The ARC HS processor provides an IOC port (I/O coherency bus
interface) that allows external devices such as DMA devices
to access memory through the cache hierarchy, providing
coherency between I/O transactions and the complete memory
hierarchy.

Some recent SoC with ARC HS (like HSDK) allow to select bus
port (IOC or non-IOC port) for connecting DMA devices in runtime.

With this patch we can use both HW-coherent and regular DMA
peripherals simultaneously.

For example we can connect USB and SDIO controllers through IOC port
(so we don't need to need to maintain cache coherency for these
devices manualy. All cache sync ops will be nop)
And we can connect Ethernet directly to RAM port (so we had to
maintain cache coherency manualy. Cache sync ops will be real
flush/invalidate operations)

Cache ops are set per-device and depends on "dma-coherent" device
tree property:
"dma_noncoherent_ops" are used if no "dma-coherent" property is
present (or IOC is disabled)
"dma_direct_ops" are used if "dma-coherent" property is present.

NOTE 1:
It works perfectly fine only if we don't have ZONE_HIGHMEM used
as IOC doesn't cover all physical memory. As for today It configured
to cover 1GiB starting from 0x8z (which is ZONE_NORMAL memory for
us). Transactions outside this region are sent on the non-coherent
I/O bus interface.
We can't configure IOC to cover all physical memory as it has several
limitations relating to aperture size and start address.

And if we get DMA buffer from ZONE_HIGHMEM memory we need to
do real flush/invalidate operations on that buffer, which is obviously
not done by "dma_direct_ops".

So I am not sure about "dma_direct_ops" using - probably we need to
create our special cache ops like "arc_ioc_ops" which will handle
ZONE_HIGHMEM case.

(BTW: current ARC dma_noncoherent_ops implementation also has same
problem if IOC and HIGHMEM are enabled.)

NOTE 2:
In this RFC only hsdk.dts changes are shown to reduce patch size.
AXS103 device tree changes are not shown.

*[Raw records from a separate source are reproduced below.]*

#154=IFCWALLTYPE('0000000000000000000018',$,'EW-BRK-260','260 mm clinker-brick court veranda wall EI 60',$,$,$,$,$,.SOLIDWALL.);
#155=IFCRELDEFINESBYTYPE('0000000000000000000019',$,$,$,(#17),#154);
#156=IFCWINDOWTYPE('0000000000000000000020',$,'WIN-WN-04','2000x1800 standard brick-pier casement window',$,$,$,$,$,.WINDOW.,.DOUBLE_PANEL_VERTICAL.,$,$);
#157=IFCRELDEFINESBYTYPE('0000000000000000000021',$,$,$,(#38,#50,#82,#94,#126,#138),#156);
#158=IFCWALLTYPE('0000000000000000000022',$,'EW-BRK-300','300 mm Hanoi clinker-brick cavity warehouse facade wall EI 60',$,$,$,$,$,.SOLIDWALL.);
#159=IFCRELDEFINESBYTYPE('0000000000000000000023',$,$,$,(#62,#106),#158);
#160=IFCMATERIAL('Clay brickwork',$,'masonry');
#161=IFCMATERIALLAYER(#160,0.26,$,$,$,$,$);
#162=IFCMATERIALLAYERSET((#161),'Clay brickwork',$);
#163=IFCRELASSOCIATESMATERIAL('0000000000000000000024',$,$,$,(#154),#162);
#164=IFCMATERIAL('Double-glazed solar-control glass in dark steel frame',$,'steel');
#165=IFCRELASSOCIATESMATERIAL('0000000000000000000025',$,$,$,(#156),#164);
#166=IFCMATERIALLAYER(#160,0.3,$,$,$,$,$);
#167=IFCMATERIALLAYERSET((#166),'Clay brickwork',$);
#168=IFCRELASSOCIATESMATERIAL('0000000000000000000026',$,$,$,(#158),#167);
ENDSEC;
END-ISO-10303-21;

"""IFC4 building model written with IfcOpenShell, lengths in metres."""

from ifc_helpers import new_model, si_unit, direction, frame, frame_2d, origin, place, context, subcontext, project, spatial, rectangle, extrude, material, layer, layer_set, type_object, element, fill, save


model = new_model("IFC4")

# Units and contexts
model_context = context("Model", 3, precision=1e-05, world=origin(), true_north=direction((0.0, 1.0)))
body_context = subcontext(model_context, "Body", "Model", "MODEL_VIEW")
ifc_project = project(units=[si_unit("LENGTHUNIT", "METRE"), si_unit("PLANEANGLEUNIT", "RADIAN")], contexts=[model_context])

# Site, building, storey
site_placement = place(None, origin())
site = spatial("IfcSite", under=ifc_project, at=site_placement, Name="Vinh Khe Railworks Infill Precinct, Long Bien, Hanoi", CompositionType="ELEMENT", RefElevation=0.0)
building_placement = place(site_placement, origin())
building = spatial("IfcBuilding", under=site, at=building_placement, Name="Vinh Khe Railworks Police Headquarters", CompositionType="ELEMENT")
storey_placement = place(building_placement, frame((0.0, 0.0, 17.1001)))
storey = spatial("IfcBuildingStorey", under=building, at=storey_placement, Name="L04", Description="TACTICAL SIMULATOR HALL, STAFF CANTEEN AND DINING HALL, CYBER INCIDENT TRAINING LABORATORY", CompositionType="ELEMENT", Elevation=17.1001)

Changes v1->v2 (Thanks to Vineet and Christoph):
 * Panic if both IOC and HIGHMEM_ZONE are enabled.
 * Move arch_setup_dma_ops to arch/arc/mm/dma.c
 * Tweak the boot printing about IOC
 * Print info about cache ops used for each device.
 * Refactor arch_setup_dma_ops

Signed-off-by: Eugeniy Paltsev <Eugeniy.Paltsev@synopsys.com>
---
 arch/arc/Kconfig                   |  1 +
 arch/arc/boot/dts/hsdk.dts         |  4 ++++
 arch/arc/include/asm/dma-mapping.h | 13 +++++++++++++
 arch/arc/mm/cache.c                | 20 +++++---------------
 arch/arc/mm/dma.c                  | 32 +++++++++++++++++++-------------
 5 files changed, 42 insertions(+), 28 deletions(-)
 create mode 100644 arch/arc/include/asm/dma-mapping.h

Comments

Christoph Hellwig June 29, 2018, 8:30 a.m. | #1
On Thu, Jun 28, 2018 at 05:14:52PM +0300, Eugeniy Paltsev wrote:
> And if we get DMA buffer from ZONE_HIGHMEM memory we need to
> do real flush/invalidate operations on that buffer, which is obviously
> not done by "dma_direct_ops".
> 
> So I am not sure about "dma_direct_ops" using - probably we need to
> create our special cache ops like "arc_ioc_ops" which will handle
> ZONE_HIGHMEM case.

FYI, I have a plan to merge dma_direct_ops and dma_noncoherent_ops
and make the decision to use cache flushing run time controllable
with a flag in struct device based on existing dynamic selection
in e.g. arm, arm64 and mips.  It will probably take a few more merge
windows to get there, but once it is done you should be able to take
easy advantage of it.

> +++ b/arch/arc/mm/dma.c
> @@ -19,6 +19,7 @@
>  #include <linux/dma-noncoherent.h>
>  #include <asm/cache.h>
>  #include <asm/cacheflush.h>
> +#include <linux/dma-mapping.h>

dma-noncoherent.h already includes dma-mapping.h, so this is not
required.

> -	if ((is_isa_arcv2() && ioc_enable) ||
> -	    (attrs & DMA_ATTR_NON_CONSISTENT))
> +	if (attrs & DMA_ATTR_NON_CONSISTENT)
>  		need_coh = 0;

need_coh is only used twice, it might be cleaner to remove the
variable and just open code the DMA_ATTR_NON_CONSISTENT check.
And for extra points remove the need_kvaddr variable as well.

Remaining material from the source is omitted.